Our study was the first paper that reported an abnormally high expression of miR-199a-5p in drug resistance lung cancer cells. This study is conducive to the development of miR-199a-5p as a potential biomarker for the occurrence of drug resistance in lung cancer cells. Our data suggested that miR-199a-5p could be a pharmacological target for p62 protein and it was critical in mediating autophagy regulation by cisplatin. In addition, sodium homeostasis has been suggested to be involved in autophagy, but whether the role of sodium channels in cancer [54] is associated with autophagy, cisplatin, and MDR needs further investment. Many studies identified cancer biomarkers[55]. We think miR-199a-5p can also be a potential cancer biomarker.
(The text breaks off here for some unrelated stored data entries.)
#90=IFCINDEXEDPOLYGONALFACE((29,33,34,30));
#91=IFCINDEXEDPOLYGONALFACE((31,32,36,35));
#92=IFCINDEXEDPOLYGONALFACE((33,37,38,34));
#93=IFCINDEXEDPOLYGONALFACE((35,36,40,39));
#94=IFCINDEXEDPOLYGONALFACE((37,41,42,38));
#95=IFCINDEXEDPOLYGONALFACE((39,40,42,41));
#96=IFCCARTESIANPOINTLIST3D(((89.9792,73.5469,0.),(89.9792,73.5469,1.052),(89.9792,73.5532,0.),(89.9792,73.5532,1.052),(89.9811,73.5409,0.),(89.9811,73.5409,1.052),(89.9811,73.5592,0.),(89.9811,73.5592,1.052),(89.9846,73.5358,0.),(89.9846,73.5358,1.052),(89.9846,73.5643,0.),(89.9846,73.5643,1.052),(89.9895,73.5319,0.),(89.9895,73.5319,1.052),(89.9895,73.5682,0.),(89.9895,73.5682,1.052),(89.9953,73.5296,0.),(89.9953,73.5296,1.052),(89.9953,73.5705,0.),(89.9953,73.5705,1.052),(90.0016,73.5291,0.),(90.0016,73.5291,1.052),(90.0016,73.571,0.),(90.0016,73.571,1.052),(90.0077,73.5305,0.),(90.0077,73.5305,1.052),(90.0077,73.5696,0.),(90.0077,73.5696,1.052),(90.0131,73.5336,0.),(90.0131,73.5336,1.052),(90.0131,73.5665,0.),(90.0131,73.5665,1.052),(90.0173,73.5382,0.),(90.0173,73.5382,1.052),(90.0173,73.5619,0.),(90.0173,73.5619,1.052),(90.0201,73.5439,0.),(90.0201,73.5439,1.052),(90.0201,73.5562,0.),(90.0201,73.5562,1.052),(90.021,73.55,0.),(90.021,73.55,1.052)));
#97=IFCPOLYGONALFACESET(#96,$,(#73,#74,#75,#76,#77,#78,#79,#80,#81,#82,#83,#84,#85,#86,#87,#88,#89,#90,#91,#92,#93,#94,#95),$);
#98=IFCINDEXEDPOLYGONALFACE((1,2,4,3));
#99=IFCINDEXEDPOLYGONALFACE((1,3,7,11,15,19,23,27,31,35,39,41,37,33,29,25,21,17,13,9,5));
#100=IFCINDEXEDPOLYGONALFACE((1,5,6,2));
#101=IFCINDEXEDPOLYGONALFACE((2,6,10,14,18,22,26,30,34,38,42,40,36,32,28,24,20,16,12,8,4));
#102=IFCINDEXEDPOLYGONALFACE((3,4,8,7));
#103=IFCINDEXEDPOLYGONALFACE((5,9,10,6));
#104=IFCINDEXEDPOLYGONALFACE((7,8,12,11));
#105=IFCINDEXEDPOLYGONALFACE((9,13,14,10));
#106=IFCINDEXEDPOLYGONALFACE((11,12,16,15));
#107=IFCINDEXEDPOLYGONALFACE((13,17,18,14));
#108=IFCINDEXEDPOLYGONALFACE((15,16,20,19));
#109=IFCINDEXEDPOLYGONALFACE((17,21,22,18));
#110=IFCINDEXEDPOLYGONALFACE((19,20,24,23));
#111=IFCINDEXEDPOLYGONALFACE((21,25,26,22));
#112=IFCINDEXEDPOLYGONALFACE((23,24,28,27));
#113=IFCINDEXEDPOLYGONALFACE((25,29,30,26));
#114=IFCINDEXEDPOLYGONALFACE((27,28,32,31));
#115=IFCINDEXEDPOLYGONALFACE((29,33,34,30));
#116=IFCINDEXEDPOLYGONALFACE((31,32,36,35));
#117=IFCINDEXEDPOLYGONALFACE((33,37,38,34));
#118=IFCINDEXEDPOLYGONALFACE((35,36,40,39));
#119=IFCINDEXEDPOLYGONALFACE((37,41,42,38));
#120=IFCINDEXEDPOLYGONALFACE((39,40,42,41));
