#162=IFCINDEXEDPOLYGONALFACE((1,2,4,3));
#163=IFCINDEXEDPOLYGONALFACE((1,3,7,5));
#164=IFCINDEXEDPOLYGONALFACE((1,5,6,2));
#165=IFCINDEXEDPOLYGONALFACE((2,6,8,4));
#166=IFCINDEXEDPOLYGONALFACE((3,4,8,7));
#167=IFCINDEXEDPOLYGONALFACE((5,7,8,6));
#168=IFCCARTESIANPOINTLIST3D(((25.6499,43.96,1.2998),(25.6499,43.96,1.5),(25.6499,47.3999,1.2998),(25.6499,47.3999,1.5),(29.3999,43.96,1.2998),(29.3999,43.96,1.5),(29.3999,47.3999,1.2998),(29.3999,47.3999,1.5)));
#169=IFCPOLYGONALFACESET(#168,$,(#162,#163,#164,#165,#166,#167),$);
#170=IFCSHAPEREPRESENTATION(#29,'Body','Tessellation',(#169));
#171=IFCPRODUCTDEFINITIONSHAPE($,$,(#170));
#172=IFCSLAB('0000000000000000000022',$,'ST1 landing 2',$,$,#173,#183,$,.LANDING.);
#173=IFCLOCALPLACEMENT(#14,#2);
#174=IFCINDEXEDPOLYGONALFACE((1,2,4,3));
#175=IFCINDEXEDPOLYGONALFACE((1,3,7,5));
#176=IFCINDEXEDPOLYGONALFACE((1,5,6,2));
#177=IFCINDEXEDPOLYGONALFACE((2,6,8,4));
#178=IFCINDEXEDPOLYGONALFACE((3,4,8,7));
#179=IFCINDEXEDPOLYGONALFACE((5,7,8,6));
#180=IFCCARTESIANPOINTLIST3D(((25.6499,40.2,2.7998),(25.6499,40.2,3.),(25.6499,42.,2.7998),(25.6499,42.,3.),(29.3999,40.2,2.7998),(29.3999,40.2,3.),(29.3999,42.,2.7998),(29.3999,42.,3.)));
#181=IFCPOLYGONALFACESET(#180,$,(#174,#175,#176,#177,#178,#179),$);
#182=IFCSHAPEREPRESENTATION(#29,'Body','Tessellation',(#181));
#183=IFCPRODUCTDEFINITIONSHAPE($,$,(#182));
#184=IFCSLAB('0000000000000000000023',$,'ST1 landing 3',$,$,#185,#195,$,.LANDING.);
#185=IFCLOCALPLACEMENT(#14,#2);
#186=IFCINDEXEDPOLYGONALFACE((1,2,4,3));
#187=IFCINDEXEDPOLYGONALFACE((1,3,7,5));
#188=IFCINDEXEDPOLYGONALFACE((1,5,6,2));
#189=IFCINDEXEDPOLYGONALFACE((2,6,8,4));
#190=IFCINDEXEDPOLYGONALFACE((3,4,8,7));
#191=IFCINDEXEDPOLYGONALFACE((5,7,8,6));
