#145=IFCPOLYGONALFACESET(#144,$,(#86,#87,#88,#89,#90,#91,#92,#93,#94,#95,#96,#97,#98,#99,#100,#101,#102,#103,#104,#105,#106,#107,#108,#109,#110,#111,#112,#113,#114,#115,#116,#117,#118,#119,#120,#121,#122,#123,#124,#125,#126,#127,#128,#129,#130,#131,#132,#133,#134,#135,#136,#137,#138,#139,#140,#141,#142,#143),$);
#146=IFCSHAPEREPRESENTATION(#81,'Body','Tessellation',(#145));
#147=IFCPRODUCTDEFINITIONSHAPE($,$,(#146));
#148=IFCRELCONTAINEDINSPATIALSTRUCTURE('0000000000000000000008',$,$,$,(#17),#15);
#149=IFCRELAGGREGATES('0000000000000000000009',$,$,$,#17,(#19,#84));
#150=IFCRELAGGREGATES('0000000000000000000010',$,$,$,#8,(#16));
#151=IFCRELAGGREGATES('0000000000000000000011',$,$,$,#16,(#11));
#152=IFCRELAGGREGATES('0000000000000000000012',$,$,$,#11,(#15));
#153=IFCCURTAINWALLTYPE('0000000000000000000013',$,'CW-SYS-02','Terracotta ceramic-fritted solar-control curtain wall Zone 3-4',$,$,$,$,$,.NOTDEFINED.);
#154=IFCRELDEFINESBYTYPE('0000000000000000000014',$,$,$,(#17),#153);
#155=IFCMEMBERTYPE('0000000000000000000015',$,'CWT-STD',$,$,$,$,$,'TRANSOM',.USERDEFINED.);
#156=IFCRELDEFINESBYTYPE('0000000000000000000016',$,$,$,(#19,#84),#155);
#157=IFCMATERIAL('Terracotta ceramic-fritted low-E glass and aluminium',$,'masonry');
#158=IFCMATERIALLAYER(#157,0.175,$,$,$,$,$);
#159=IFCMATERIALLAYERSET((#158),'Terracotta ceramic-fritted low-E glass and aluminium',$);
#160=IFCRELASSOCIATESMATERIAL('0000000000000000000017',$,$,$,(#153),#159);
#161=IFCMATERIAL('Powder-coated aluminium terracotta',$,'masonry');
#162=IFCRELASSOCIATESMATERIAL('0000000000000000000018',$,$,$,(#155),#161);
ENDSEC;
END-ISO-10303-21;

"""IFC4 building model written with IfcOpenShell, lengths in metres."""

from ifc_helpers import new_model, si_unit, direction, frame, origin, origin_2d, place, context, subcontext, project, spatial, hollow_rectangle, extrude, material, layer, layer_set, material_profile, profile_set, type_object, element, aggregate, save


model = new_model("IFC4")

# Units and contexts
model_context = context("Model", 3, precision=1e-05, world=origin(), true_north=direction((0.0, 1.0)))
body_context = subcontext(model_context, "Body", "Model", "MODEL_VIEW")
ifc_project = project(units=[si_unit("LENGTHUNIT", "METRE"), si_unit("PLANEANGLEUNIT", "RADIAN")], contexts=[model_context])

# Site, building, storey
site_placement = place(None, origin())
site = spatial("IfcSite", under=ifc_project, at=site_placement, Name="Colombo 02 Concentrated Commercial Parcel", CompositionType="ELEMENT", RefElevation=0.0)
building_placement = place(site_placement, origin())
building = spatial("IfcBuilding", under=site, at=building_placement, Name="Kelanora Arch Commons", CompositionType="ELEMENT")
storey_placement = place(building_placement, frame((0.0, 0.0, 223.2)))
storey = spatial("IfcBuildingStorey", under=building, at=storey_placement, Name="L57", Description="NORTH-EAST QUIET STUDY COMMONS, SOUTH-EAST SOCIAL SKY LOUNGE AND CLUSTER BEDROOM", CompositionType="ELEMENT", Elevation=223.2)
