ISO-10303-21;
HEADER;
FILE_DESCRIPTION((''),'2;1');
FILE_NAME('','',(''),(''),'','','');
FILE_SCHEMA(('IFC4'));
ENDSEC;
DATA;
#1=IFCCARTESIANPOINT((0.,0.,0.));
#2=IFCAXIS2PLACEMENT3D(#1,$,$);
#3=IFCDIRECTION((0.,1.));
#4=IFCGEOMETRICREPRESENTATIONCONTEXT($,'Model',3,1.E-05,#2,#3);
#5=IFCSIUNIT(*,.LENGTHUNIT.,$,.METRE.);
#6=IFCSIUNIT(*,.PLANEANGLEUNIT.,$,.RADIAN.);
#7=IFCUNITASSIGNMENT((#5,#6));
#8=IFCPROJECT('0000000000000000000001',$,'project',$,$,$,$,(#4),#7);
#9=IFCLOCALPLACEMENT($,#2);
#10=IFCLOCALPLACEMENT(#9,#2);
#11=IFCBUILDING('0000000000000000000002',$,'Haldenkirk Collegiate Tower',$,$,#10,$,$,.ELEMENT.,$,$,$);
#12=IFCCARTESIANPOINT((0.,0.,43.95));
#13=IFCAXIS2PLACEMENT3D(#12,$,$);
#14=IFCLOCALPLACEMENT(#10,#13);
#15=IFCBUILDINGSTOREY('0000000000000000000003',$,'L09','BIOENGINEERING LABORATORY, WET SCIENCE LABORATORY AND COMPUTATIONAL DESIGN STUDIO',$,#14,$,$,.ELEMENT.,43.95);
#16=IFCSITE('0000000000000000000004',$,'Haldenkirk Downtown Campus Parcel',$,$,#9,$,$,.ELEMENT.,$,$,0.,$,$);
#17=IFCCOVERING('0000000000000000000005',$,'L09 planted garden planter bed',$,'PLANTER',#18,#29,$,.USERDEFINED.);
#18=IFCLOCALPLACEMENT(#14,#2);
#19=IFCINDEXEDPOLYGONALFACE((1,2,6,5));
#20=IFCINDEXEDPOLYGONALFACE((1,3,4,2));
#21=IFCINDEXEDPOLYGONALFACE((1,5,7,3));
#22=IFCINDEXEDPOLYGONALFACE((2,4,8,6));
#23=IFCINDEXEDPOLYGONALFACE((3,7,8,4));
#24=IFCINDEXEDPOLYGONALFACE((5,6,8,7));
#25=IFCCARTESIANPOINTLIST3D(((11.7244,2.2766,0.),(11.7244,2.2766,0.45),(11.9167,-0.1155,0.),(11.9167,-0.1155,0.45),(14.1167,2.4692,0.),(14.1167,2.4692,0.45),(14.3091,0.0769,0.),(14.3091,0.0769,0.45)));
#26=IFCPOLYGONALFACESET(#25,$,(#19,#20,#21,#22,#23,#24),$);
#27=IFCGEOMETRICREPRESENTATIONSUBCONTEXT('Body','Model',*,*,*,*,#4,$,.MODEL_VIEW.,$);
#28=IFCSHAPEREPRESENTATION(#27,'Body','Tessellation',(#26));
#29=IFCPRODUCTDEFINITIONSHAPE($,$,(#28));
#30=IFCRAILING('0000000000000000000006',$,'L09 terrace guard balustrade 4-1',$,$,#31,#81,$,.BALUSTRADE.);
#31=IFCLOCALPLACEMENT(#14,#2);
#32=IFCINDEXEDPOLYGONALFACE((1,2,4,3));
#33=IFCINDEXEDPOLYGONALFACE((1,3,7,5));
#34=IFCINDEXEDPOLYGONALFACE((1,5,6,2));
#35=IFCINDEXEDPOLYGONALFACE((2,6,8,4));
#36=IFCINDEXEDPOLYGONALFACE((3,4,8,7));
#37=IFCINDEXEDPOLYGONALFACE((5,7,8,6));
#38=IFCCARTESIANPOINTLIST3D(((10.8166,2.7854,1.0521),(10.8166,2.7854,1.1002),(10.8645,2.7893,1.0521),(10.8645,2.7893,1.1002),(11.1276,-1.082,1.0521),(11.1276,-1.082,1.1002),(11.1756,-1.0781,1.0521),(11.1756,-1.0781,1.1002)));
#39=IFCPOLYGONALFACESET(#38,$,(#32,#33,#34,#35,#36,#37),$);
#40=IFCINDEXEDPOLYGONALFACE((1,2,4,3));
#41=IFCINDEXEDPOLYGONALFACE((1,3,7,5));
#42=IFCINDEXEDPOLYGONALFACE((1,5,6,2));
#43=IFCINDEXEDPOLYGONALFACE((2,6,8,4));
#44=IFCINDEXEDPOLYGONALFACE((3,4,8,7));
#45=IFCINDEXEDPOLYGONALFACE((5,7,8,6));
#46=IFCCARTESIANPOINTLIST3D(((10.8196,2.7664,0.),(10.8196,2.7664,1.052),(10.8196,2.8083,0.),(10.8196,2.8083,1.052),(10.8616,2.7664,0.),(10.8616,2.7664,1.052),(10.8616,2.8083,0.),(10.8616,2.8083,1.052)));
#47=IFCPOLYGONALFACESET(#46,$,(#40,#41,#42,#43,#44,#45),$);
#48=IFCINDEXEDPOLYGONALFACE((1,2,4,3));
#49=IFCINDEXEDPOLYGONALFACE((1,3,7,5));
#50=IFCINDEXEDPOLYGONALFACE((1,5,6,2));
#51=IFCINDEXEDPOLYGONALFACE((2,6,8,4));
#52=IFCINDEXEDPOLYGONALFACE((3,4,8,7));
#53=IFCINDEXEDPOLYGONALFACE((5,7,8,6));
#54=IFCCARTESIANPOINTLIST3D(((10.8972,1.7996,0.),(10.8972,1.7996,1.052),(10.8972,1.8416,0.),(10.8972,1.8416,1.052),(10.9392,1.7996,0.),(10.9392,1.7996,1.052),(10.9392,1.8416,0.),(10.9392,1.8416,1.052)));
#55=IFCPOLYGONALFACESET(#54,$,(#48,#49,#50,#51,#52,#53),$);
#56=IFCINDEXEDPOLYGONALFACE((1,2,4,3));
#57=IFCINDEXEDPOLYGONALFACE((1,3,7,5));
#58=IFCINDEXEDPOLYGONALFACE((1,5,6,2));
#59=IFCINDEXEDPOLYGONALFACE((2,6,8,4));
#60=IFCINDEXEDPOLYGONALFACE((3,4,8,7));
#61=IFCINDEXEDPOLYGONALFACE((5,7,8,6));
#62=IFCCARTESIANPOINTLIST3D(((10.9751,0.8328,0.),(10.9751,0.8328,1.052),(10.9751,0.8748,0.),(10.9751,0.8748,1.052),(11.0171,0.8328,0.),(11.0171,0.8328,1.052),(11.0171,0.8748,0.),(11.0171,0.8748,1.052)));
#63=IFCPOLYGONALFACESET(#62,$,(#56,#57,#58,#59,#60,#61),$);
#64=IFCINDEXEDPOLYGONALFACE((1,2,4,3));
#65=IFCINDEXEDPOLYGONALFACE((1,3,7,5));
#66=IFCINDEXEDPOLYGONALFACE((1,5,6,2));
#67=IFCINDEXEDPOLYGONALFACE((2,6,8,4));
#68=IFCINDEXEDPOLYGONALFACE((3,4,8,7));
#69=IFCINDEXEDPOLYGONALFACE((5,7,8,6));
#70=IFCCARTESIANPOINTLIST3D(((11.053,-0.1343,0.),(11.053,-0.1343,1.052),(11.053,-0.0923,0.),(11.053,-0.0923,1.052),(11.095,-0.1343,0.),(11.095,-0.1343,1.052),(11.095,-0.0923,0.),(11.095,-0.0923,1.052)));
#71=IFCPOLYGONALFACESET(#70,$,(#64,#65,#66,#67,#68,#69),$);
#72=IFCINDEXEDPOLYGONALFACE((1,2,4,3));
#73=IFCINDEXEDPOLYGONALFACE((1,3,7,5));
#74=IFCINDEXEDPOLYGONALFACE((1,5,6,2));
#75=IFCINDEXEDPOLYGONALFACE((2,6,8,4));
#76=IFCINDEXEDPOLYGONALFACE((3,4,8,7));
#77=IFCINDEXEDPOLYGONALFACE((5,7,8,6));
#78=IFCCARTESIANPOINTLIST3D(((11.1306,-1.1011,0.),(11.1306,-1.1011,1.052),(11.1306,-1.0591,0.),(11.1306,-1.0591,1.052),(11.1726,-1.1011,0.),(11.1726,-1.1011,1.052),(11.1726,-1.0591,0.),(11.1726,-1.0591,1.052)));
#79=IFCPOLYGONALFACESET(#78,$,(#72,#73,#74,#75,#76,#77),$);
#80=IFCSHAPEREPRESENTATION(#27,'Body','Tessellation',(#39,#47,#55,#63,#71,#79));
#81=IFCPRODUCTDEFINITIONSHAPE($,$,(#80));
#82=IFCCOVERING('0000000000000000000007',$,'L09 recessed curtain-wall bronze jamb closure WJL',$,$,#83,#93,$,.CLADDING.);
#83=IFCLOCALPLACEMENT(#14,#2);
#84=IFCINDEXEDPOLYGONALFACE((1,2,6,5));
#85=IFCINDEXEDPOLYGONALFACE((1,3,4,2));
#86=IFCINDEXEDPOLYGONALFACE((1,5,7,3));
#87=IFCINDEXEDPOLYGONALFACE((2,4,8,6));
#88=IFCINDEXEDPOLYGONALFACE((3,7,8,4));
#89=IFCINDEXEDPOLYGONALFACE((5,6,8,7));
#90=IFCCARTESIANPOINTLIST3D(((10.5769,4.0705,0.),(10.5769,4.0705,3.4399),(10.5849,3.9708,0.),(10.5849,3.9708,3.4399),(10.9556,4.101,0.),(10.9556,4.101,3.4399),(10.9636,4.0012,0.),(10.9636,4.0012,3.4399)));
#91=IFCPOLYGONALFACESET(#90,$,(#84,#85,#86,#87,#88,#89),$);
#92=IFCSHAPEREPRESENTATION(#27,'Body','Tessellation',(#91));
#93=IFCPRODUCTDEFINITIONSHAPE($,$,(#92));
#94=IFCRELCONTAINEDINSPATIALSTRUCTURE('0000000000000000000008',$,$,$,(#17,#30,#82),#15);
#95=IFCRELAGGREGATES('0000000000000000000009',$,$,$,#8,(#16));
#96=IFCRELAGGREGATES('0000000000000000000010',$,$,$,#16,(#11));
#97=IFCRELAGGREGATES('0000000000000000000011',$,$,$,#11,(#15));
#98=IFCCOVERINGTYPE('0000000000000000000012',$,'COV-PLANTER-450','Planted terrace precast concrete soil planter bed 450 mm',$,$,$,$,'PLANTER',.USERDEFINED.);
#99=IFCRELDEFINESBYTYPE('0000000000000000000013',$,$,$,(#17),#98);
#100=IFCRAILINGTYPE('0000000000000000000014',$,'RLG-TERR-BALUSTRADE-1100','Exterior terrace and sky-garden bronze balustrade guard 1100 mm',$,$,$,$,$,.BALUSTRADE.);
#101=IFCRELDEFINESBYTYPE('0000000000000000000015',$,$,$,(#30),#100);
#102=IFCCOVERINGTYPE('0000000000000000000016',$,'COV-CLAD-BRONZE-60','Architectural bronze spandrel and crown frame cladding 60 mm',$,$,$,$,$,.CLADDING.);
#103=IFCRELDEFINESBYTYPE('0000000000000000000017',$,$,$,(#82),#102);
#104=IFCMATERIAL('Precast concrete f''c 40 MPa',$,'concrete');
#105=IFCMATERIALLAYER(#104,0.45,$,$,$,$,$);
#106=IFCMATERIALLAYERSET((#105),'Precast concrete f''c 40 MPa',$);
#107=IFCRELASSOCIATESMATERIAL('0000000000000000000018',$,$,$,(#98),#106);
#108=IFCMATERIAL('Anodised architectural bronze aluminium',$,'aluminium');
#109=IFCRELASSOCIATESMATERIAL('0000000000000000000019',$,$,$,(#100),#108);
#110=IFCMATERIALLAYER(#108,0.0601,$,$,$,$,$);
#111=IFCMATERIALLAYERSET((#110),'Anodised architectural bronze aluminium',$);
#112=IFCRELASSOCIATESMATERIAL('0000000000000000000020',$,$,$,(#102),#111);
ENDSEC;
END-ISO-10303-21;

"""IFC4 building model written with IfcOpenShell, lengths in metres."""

from ifc_helpers import new_model, si_unit, direction, frame, origin, origin_2d, place, context, subcontext, project, spatial, polyline, rectangle, outline, extrude, source, transform, mapped, material, layer, layer_set, type_object, element, save


model = new_model("IFC4")

# Units and contexts
model_context = context("Model", 3, precision=1e-05, world=origin(), true_north=direction((0.0, 1.0)))
body_context = subcontext(model_context, "Body", "Model", "MODEL_VIEW")
ifc_project = project(units=[si_unit("LENGTHUNIT", "METRE"), si_unit("PLANEANGLEUNIT", "RADIAN")], contexts=[model_context])

# Site, building, storey
site_placement = place(None, origin())
site = spatial("IfcSite", under=ifc_project, at=site_placement, Name="Haldenkirk Downtown Campus Parcel", CompositionType="ELEMENT", RefElevation=0.0)
building_placement = place(site_placement, origin())
building = spatial("IfcBuilding", under=site, at=building_placement, Name="Haldenkirk Collegiate Tower", CompositionType="ELEMENT")
storey_placement = place(building_placement, frame((0.0, 0.0, 43.95)))
storey = spatial("IfcBuildingStorey", under=building, at=storey_placement, Name="L09", Description="BIOENGINEERING LABORATORY, WET SCIENCE LABORATORY AND COMPUTATIONAL DESIGN STUDIO", CompositionType="ELEMENT", Elevation=43.95)

# Shared definitions
ifc_material_1 = material(Name="Anodised architectural bronze aluminium", Category="aluminium")

# Shared definitions
ifc_material_2 = material(Name="Precast concrete f'c 40 MPa", Category="concrete")

# Covering
ifc_layer_1 = layer(ifc_material_2, 0.45)
ifc_layer_set_1 = layer_set([ifc_layer_1], Name="Precast concrete f'c 40 MPa")
covering_type_1 = type_object("IfcCoveringType", Name="COV-PLANTER-450", Description="Planted terrace precast concrete soil planter bed 450 mm", ElementType="PLANTER", PredefinedType="USERDEFINED", material=ifc_layer_set_1)
covering_1_placement = place(storey_placement, origin())
element("IfcCovering", 1, at=covering_1_placement, inside=storey, type_object=covering_type_1, Name="L09 planted garden planter bed", ObjectType="PLANTER", PredefinedType="USERDEFINED", context=body_context, shape_type="SweptSolid", body=[
    extrude(outline(polyline([(11.9167, -0.1155), (11.7244, 2.2766), (14.1167, 2.4692), (14.3091, 0.0769), (11.9167, -0.1155)])), origin(), (0.0, 0.0, 1.0), 0.45),
])

# Railing
railing_type = type_object("IfcRailingType", Name="RLG-TERR-BALUSTRADE-1100", Description="Exterior terrace and sky-garden bronze balustrade guard 1100 mm", PredefinedType="BALUSTRADE", material=ifc_material_1)
railing_placement = place(storey_placement, frame((10.8406, 2.7874, 0.0)))
element("IfcRailing", 2, at=railing_placement, inside=storey, type_object=railing_type, Name="L09 terrace guard balustrade 4-1", PredefinedType="BALUSTRADE", context=body_context, shape_type="SweptSolid", body=[
    extrude(rectangle(XDim=0.0481, YDim=0.0481, at=origin_2d()), frame((0.0, 0.0, 1.0762), z_axis=(0.080165, -0.996782, 0.0), x_axis=(0.996782, 0.080165, 0.0)), (0.0, 0.0, 1.0), 3.8799),
    extrude(rectangle(XDim=0.042, YDim=0.042, at=origin_2d()), origin(), (0.0, 0.0, 1.0), 1.052),
    extrude(rectangle(XDim=0.042, YDim=0.042, at=origin_2d()), frame((0.0776, -0.9668, 0.0)), (0.0, 0.0, 1.0), 1.052),
    extrude(rectangle(XDim=0.042, YDim=0.042, at=origin_2d()), frame((0.1555, -1.9336, 0.0)), (0.0, 0.0, 1.0), 1.052),
    extrude(rectangle(XDim=0.042, YDim=0.042, at=origin_2d()), frame((0.2334, -2.9006, 0.0)), (0.0, 0.0, 1.0), 1.052),
    extrude(rectangle(XDim=0.042, YDim=0.042, at=origin_2d()), frame((0.311, -3.8674, 0.0)), (0.0, 0.0, 1.0), 1.052),
])

# Covering
ifc_layer_2 = layer(ifc_material_1, 0.0601)
ifc_layer_set_2 = layer_set([ifc_layer_2], Name="Anodised architectural bronze aluminium")
covering_type_2 = type_object("IfcCoveringType", Name="COV-CLAD-BRONZE-60", Description="Architectural bronze spandrel and crown frame cladding 60 mm", PredefinedType="CLADDING", material=ifc_layer_set_2)
shared_shape_1 = source(origin(), body_context, "Body", "SweptSolid", [
    extrude(rectangle(XDim=0.1001, YDim=0.3799, at=origin_2d()), origin(), (0.0, 0.0, 1.0), 3.4399),
])
covering_2_placement = place(storey_placement, frame((10.7703, 4.0359, 0.0), z_axis=(0.0, 0.0, 1.0), x_axis=(-0.080199, 0.996779, 0.0)))
element("IfcCovering", 3, at=covering_2_placement, inside=storey, type_object=covering_type_2, Name="L09 recessed curtain-wall bronze jamb closure WJL", PredefinedType="CLADDING", context=body_context, shape_type="MappedRepresentation", body=[
    mapped(shared_shape_1, transform((0.0, 0.0, 0.0), x_axis=(1.0, 0.0, 0.0), y_axis=(0.0, 1.0, 0.0), z_axis=(0.0, 0.0, 1.0), scale=1.0)),
])

save(model, "model.ifc")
In addition, so far, it is still controversial that autophagy is a protective or responsive mechanism upon each treatment, the same thing here for cisplatin on small cell lung cancer. It is important to link autophagy degrees with cell growth rate, apoptosis et al. or, it could very much be possible, autophagy is just an independent event that has nothing to do with cell growth rate and apoptosis. However, we think autophagy is not the only mechanism of drug resistance. As we do not want to over-interpret the results, our data only suggested that autophagy might be associated with cell viability and we are sure that autophagy is altered during the resistance.
Another aspect that can be further explored is the potential regulation of miR-199a-5p by natural drugs. In recent years, many naturally occurring compounds have been studied and implemented in the clinical therapy of human disease [56–60]. Accumulating evidence suggests that chemotherapy supplied by traditional medicine can achieve desirable outcomes in clinical cancer treatment, including higher efficiency and lower side effects [61, 62]. For example, the natural compound β-elemene has been shown to induce autophagy in cancer cells [63], at the same time, it can suppress the multidrug-resistant cell lines [64]. We believe that autophagy is one of the mechanisms of these multidrug-resistant effects. A better understanding of autophagy in multidrug-resistant cancer cells can provide evidence for the use of some of these pharmacological active compounds.